Performance
Baptiste Wicht edited this page Jun 5, 2013
·
6 revisions
- Version 1.2.3: The data-flow framework has been highly improved to fix the main bottleneck.
- Version 1.2.4 (dev): The offset constant propagation has been made a fast forward data-flow problem.
Here are the timings on the compilation of whole set of test cases and samples (date: 02/08/2013):
3457:parsing:40.3761
1911:assemble:22.3196
942:dead_code_elimination:11.0021
640:constant_propagation:7.47489
517:offset_constant_propagation:6.03831
453:register_allocation:5.29082
366:peephole_optimization:4.2747
126:common_subexpression_elimination:1.47162
70:ast_passes:0.817566
50:inline_functions:0.583976
16:mtac_compilation:0.186872
8:prologue_generation:0.0934361
1:pre_alloc_cleanup:0.0116795
Total:8562
There are compiled with --O3
- The parsing starts to be quite problematic. One solution would be to improve the handling of strings which causes a lot of copies in my opinion
- The assembler step cannot be really improved
- DCE remains the slower optimizations. It has to seen which part is the slowest
- Constant Propagation could probably be made faster.
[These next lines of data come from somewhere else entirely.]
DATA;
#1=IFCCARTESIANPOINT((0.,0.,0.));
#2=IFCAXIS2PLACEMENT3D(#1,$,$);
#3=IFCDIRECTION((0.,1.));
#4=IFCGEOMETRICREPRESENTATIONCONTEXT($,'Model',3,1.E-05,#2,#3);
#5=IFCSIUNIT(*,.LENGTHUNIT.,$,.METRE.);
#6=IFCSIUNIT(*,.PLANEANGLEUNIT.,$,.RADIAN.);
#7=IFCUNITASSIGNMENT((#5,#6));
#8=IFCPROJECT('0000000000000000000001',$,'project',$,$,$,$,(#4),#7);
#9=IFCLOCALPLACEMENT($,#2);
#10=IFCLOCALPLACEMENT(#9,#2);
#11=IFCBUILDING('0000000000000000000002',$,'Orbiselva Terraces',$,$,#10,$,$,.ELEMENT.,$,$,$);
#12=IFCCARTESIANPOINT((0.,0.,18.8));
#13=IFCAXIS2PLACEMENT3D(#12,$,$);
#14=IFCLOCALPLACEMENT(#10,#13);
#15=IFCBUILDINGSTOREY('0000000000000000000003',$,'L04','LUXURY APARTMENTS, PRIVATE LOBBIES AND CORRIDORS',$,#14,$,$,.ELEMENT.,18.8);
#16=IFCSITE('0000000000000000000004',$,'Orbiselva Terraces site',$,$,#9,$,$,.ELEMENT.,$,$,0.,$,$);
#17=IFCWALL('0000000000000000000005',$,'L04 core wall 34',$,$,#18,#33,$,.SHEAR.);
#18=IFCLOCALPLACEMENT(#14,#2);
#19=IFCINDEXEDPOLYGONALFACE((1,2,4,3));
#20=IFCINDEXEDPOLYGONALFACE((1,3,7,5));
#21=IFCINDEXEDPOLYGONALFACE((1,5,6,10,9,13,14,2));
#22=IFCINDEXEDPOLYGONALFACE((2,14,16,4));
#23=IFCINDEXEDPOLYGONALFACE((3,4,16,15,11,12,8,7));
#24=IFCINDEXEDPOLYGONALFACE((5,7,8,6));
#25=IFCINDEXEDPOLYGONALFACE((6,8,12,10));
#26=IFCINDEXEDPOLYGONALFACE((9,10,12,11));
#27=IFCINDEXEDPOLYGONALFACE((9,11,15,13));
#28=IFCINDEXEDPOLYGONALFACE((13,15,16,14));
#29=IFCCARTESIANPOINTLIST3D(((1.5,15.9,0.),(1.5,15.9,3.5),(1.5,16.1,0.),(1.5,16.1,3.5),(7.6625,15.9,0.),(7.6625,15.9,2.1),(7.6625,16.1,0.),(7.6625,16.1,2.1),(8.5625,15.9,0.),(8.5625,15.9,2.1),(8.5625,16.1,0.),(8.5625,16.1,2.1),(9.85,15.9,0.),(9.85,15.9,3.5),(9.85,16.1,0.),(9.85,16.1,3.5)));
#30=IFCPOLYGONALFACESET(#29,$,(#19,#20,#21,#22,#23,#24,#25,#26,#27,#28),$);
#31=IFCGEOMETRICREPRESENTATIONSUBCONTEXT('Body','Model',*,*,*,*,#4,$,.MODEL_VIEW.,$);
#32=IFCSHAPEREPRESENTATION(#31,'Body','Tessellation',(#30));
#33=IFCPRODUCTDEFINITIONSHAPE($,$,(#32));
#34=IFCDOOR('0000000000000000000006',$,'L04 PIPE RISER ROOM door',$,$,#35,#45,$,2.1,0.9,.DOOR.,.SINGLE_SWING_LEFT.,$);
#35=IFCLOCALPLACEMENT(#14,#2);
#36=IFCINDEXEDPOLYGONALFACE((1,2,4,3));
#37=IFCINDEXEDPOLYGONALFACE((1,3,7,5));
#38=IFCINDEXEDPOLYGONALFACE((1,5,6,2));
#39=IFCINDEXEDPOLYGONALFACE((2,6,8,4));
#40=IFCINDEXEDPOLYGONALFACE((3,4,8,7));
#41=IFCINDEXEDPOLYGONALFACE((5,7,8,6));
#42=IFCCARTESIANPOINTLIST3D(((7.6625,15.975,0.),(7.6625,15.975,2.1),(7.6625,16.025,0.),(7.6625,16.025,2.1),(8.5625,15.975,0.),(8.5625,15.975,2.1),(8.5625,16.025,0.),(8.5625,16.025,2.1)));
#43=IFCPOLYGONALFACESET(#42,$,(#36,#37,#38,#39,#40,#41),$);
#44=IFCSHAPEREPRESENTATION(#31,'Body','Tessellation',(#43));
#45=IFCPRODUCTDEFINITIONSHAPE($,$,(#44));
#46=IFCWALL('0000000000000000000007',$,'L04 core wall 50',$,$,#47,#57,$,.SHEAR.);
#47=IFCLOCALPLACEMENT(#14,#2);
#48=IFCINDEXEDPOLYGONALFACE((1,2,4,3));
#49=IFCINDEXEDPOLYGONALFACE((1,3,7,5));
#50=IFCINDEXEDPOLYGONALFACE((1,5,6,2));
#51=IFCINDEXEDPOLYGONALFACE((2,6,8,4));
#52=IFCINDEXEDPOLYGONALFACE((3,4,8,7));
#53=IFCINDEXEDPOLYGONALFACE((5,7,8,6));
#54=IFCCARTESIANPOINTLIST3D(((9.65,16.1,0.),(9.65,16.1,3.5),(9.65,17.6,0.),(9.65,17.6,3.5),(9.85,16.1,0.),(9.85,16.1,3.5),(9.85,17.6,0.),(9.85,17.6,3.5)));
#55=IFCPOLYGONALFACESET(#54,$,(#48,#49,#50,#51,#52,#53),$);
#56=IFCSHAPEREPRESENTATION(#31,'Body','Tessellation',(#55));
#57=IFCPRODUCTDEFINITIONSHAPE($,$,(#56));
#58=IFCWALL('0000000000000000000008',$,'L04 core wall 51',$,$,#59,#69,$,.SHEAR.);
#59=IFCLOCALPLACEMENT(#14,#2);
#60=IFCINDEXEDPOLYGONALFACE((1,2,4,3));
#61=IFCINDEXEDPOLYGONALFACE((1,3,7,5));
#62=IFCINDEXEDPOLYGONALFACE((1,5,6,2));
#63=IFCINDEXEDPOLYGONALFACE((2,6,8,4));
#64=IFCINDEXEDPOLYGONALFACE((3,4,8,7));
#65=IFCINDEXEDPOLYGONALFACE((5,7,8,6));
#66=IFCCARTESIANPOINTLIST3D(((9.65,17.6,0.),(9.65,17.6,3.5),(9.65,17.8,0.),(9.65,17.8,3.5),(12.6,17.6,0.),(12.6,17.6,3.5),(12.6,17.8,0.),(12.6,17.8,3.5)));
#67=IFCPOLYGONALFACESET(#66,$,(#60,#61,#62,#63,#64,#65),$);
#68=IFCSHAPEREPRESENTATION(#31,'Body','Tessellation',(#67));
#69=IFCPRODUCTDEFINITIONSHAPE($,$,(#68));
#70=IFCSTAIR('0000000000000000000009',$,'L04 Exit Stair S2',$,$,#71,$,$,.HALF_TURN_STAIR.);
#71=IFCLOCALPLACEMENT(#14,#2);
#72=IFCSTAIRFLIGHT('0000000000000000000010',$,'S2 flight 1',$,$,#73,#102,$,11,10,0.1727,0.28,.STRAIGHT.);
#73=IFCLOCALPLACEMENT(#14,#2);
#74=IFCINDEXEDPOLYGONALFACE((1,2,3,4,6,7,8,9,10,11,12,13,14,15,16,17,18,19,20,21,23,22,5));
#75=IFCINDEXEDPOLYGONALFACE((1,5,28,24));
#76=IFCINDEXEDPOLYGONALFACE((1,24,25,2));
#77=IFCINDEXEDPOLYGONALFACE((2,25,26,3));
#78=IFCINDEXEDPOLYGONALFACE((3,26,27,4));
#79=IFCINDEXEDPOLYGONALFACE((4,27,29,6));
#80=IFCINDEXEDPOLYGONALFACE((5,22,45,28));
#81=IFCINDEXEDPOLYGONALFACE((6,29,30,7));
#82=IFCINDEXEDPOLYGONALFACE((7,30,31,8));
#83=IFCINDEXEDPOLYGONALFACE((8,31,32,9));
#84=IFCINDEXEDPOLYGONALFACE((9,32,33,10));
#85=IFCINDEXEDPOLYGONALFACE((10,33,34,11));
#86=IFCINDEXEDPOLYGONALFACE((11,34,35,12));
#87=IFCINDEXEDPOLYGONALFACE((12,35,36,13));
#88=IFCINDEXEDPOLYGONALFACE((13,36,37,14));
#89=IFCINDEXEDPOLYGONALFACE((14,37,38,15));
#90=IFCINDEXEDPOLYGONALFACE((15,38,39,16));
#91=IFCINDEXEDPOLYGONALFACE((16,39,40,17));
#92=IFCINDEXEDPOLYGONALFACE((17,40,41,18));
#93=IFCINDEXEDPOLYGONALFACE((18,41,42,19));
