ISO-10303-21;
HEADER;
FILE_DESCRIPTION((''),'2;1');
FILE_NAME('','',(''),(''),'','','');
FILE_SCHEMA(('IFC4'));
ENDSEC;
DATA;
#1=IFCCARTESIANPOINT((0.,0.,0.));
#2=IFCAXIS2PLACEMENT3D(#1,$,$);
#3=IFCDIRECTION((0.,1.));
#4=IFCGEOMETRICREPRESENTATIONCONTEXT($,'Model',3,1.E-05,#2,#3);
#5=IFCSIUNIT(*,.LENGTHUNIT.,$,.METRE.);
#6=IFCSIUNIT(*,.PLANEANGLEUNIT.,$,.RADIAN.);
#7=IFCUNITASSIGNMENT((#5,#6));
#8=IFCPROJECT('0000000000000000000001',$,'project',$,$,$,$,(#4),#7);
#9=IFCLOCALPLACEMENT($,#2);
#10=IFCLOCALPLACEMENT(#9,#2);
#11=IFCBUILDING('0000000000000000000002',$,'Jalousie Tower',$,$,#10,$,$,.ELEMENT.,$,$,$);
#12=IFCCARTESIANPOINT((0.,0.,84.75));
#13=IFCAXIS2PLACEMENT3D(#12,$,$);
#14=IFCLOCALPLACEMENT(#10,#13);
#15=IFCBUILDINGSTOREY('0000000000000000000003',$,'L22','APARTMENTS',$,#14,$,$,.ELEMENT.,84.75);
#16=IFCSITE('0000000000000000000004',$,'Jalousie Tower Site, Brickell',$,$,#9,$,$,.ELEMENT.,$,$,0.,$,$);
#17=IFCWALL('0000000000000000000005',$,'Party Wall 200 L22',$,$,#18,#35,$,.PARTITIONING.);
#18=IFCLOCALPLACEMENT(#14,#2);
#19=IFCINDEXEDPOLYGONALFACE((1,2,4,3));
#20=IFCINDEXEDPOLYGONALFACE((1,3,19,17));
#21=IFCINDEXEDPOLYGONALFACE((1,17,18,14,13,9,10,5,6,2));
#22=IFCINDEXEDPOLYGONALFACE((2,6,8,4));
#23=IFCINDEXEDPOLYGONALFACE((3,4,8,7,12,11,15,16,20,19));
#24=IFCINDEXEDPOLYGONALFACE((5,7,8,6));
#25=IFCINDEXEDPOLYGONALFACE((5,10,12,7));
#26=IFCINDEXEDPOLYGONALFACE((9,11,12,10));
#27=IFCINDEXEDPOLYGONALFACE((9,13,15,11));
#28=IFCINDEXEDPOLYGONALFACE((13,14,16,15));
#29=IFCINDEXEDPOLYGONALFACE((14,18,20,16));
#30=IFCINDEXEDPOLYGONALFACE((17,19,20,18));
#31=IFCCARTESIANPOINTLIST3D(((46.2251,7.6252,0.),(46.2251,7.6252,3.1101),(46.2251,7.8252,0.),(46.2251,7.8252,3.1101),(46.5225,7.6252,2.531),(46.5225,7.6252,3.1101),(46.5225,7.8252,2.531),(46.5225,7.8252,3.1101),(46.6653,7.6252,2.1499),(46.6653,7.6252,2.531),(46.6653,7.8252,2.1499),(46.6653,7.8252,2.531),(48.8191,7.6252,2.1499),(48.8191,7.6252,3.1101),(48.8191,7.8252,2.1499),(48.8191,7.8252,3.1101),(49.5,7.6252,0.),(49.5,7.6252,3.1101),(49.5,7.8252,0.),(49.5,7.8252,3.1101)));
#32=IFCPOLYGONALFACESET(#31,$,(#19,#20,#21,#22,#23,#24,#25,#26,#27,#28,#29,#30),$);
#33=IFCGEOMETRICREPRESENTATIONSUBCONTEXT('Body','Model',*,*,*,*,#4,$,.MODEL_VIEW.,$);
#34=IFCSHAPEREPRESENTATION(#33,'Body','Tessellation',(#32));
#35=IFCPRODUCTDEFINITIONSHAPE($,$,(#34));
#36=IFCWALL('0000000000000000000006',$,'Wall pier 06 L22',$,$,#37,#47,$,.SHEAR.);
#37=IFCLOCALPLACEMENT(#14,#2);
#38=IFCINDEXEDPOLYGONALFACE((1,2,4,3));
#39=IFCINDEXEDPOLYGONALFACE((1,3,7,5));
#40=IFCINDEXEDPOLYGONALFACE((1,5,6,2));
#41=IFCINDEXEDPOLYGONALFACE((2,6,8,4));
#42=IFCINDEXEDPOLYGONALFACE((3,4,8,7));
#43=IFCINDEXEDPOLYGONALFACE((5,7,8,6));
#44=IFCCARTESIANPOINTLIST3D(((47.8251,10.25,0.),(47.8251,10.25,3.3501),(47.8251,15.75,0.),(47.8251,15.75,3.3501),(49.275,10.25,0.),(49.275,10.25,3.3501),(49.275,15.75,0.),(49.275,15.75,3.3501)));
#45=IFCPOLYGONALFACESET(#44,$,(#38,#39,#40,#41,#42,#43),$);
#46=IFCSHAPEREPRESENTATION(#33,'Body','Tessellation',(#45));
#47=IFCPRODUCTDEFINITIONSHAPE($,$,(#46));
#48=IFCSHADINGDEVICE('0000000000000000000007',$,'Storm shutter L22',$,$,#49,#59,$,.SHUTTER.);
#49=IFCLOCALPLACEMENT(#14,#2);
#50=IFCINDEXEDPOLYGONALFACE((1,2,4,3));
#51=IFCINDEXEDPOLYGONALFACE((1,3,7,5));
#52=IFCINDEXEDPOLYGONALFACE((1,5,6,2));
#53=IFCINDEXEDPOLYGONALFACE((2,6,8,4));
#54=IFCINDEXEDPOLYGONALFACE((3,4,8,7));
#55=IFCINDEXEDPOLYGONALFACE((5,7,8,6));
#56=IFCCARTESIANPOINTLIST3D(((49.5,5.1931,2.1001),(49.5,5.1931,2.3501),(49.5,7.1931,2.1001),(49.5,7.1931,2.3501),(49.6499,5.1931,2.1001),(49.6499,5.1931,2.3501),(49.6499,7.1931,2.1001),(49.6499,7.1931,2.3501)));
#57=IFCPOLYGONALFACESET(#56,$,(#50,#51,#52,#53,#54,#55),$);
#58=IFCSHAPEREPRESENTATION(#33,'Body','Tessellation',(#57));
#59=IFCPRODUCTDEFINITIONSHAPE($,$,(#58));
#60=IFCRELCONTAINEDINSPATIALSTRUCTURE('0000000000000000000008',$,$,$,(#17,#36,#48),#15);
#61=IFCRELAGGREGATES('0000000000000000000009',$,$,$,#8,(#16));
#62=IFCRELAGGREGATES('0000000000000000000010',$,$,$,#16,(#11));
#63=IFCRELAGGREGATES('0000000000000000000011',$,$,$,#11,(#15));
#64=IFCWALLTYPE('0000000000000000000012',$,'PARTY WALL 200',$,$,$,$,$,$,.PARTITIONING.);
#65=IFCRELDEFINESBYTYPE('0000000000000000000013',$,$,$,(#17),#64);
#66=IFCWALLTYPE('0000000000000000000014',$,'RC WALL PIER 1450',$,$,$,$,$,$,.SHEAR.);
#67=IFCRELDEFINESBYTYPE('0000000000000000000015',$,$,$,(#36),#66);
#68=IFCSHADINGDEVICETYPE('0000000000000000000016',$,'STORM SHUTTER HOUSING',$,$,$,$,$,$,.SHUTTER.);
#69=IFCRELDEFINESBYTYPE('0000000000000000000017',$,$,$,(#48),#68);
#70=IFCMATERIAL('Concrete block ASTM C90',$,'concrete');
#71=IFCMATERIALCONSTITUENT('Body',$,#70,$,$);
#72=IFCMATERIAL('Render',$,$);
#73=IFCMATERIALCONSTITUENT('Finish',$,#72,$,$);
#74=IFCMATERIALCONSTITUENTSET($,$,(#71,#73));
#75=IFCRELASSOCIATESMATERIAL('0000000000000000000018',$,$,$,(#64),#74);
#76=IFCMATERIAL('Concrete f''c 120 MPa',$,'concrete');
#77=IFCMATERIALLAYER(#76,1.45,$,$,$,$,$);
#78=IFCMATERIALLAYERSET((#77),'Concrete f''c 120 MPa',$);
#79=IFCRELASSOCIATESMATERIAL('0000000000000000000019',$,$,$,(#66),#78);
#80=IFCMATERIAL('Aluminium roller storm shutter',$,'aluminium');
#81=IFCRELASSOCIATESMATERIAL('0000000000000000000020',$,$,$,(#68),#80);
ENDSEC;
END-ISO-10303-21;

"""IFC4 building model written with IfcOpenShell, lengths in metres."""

from ifc_helpers import new_model, si_unit, direction, frame, frame_2d, origin, origin_2d, place, context, subcontext, project, spatial, polyline, rectangle, outline, extrude, material, layer, layer_set, constituent, constituent_set, type_object, element, save


model = new_model("IFC4")

# Units and contexts
model_context = context("Model", 3, precision=1e-05, world=origin(), true_north=direction((0.0, 1.0)))
body_context = subcontext(model_context, "Body", "Model", "MODEL_VIEW")
ifc_project = project(units=[si_unit("LENGTHUNIT", "METRE"), si_unit("PLANEANGLEUNIT", "RADIAN")], contexts=[model_context])

# Site, building, storey
site_placement = place(None, origin())
site = spatial("IfcSite", under=ifc_project, at=site_placement, Name="Jalousie Tower Site, Brickell", CompositionType="ELEMENT", RefElevation=0.0)
building_placement = place(site_placement, origin())
building = spatial("IfcBuilding", under=site, at=building_placement, Name="Jalousie Tower", CompositionType="ELEMENT")
storey_placement = place(building_placement, frame((0.0, 0.0, 84.75)))
storey = spatial("IfcBuildingStorey", under=building, at=storey_placement, Name="L22", Description="APARTMENTS", CompositionType="ELEMENT", Elevation=84.75)

# Walls
ifc_material_1 = material(Name="Concrete block ASTM C90", Category="concrete")
ifc_constituent_1 = constituent(ifc_material_1, Name="Body")
ifc_material_2 = material(Name="Render")
ifc_constituent_2 = constituent(ifc_material_2, Name="Finish")
ifc_constituent_set_1 = constituent_set(constituents=[ifc_constituent_1, ifc_constituent_2])
wall_type_1 = type_object("IfcWallType", Name="PARTY WALL 200", PredefinedType="PARTITIONING", material=ifc_constituent_set_1)
wall_1_placement = place(storey_placement, frame((46.2251, 7.7251, 0.0), z_axis=(0.0, 0.0, 1.0), x_axis=(1.0, 0.0, 0.0)))
element("IfcWall", 1, at=wall_1_placement, inside=storey, type_object=wall_type_1, Name="Party Wall 200 L22", PredefinedType="PARTITIONING", context=body_context, shape_type="SweptSolid", body=[
    extrude(outline(polyline([(0.0, 0.0), (3.2749, 0.0), (3.2749, 3.1101), (2.594, 3.1101), (2.594, 2.1499), (0.4402, 2.1499), (0.4402, 2.531), (0.2974, 2.531), (0.2974, 3.1101), (0.0, 3.1101), (0.0, 0.0)])), frame((0.0, 0.1001, 0.0), z_axis=(0.0, -1.0, 0.0), x_axis=(1.0, 0.0, 0.0)), (0.0, 0.0, 1.0), 0.2),
])
ifc_material_3 = material(Name="Concrete f'c 120 MPa", Category="concrete")
ifc_layer_1 = layer(ifc_material_3, 1.45)
ifc_layer_set_1 = layer_set([ifc_layer_1], Name="Concrete f'c 120 MPa")
wall_type_2 = type_object("IfcWallType", Name="RC WALL PIER 1450", PredefinedType="SHEAR", material=ifc_layer_set_1)
wall_2_placement = place(storey_placement, frame((48.55, 10.25, 0.0), z_axis=(0.0, 0.0, 1.0), x_axis=(0.0, 1.0, 0.0)))
element("IfcWall", 2, at=wall_2_placement, inside=storey, type_object=wall_type_2, Name="Wall pier 06 L22", PredefinedType="SHEAR", context=body_context, shape_type="SweptSolid", body=[
    extrude(rectangle(XDim=5.5, YDim=1.45, at=frame_2d((2.75, 0.0))), origin(), (0.0, 0.0, 1.0), 3.3501),
])

# Shading device
ifc_material_4 = material(Name="Aluminium roller storm shutter", Category="aluminium")
shading_device_type = type_object("IfcShadingDeviceType", Name="STORM SHUTTER HOUSING", PredefinedType="SHUTTER", material=ifc_material_4)
shading_device_placement = place(storey_placement, frame((49.575, 6.1931, 2.1001), z_axis=(0.0, 0.0, 1.0), x_axis=(0.0, 1.0, 0.0)))
element("IfcShadingDevice", 3, at=shading_device_placement, inside=storey, type_object=shading_device_type, Name="Storm shutter L22", PredefinedType="SHUTTER", context=body_context, shape_type="SweptSolid", body=[
    extrude(rectangle(XDim=2.0, YDim=0.1499, at=origin_2d()), origin(), (0.0, 0.0, 1.0), 0.25),
])

save(model, "model.ifc")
The transfer function is very complicated, it could probably be tuned. Moreover, if it was possible to make it a Fast_Forward_Block problem, it could be much faster
- Offset Constant Propagation can be tuned to make it a fast forward problem
- Register allocation can definitely be improved by tuning data-flow live analysis and by improving handling of bound registers
- Peephole optimizations can be made faster by grouping the optimizations and improving the conditions that are quite heavy right now.